# snaking out tub drains with old brass tight turn traps



## timrath (Sep 28, 2013)

Today I ran across a tub drain with the old brass trap with the tight bend. We have quite a few customers with old houses. I used to have a ridgid k-50 which took 5/16" x 25' hollow core which would get around the bend. Then I got a new truck and a General I-95 machine which has two drums and does sewer mains too. One of the drums takes 7/16" x 25' cables but the general cable with plug head didn't make it around the bend and the general machine doesn't grab the ridgid cable well. Do any of you guys use general and what cables do you use to get around those tight bends?


----------



## rjbphd (Feb 5, 2010)

timrath said:


> Today I ran across a tub drain with the old brass trap with the tight bend. We have quite a few customers with old houses. I used to have a ridgid k-50 which took 5/16" x 25' hollow core which would get around the bend. Then I got a new truck and a General I-95 machine which has two drums and does sewer mains too. One of the drums takes 7/16" x 25' cables but the general cable with plug head didn't make it around the bend and the general machine doesn't grab the ridgid cable well. Do any of you guys use general and what cables do you use to get around those tight bends?


Water ram!


----------



## gear junkie (Jun 20, 2008)

Vent!


----------



## Plumb26 (May 18, 2013)

timrath said:


> Today I ran across a tub drain with the old brass trap with the tight bend. We have quite a few customers with old houses. I used to have a ridgid k-50 which took 5/16" x 25' hollow core which would get around the bend.
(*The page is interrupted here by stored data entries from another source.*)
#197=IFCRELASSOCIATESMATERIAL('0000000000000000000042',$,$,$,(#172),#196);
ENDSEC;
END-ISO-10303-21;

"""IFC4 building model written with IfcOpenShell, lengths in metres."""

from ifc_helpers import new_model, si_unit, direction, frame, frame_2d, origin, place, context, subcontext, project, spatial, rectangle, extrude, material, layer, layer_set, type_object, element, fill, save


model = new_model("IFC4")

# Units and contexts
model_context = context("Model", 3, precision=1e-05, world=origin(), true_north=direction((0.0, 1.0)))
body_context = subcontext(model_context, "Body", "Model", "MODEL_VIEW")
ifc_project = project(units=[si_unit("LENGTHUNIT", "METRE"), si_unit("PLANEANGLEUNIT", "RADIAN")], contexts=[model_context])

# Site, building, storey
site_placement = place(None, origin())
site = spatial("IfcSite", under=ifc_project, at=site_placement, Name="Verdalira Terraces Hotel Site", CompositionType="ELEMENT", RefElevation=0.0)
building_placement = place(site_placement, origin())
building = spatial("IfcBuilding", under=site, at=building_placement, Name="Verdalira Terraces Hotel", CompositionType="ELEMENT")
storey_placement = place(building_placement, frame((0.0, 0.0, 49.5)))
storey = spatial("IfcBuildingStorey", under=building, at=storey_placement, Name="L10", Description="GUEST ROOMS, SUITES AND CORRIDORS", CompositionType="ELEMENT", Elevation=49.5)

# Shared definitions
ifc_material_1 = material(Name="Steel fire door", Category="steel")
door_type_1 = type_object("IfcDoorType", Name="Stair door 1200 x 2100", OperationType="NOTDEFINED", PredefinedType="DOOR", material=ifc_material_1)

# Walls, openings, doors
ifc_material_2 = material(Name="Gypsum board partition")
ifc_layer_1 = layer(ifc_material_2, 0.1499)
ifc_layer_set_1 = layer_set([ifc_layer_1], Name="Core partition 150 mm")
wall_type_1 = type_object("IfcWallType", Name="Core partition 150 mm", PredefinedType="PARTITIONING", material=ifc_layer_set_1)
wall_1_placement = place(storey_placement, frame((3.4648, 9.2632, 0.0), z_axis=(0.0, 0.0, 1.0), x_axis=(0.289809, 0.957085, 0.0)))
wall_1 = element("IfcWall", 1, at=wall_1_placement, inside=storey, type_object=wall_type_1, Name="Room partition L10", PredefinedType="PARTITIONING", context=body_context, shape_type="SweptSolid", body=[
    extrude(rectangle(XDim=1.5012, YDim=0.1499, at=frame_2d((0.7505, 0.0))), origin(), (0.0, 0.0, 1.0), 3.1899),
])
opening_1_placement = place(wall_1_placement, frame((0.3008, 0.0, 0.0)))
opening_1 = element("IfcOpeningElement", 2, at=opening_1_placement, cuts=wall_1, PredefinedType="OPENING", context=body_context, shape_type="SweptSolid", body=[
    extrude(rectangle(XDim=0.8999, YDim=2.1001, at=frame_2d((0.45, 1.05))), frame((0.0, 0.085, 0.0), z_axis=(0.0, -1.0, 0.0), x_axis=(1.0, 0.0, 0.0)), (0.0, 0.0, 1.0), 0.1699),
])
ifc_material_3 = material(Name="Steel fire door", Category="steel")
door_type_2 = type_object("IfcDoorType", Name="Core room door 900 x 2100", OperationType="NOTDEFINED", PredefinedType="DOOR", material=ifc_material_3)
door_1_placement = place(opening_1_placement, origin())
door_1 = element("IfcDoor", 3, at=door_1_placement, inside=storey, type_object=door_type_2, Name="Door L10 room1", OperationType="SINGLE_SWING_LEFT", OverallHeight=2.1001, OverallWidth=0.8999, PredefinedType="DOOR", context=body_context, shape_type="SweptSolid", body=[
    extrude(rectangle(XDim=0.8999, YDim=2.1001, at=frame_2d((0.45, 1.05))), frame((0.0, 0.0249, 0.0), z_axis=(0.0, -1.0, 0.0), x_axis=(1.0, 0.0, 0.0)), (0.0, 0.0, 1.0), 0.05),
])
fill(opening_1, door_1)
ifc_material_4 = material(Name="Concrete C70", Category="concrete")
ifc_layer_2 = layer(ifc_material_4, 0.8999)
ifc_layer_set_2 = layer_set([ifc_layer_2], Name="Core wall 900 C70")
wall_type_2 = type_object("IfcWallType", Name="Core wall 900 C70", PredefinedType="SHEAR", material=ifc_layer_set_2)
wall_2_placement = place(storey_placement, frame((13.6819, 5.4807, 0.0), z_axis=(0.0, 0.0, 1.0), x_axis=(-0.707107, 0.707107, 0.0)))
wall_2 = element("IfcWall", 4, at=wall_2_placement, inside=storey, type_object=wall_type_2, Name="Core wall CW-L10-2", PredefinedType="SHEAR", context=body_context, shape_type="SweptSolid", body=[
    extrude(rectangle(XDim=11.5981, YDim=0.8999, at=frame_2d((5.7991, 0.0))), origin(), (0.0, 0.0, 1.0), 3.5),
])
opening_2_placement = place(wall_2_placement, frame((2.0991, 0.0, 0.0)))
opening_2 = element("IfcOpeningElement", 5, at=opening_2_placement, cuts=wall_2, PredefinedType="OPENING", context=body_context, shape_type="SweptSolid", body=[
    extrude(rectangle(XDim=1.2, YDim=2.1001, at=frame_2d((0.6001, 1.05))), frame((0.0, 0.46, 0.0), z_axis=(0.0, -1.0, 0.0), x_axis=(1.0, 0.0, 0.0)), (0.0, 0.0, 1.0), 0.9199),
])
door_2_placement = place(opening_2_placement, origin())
Then I got a new truck and a General I-95 machine which has two drums and does sewer mains too. One of the drums takes 7/16" x 25' cables but the general cable with plug head didn't make it around the bend and the general machine doesn't grab the ridgid cable well. Do any of you guys use general and what cables do you use to get around those tight bends?


Cut out and replace.


----------



## NORTHSTAR (Sep 16, 2010)

Ive noticed that using general 1/4 or 5/16 cable on tight tub traps was sometimes impossible. The cable is super stiff. Especially with braided wire innercore. Hollow core 5/16 with a nice 45 degree bend on the tip works for me.


----------



## Drain Pro (Nov 3, 2013)

I use a general Handylectric with a 1/4" coil head from electric eel


----------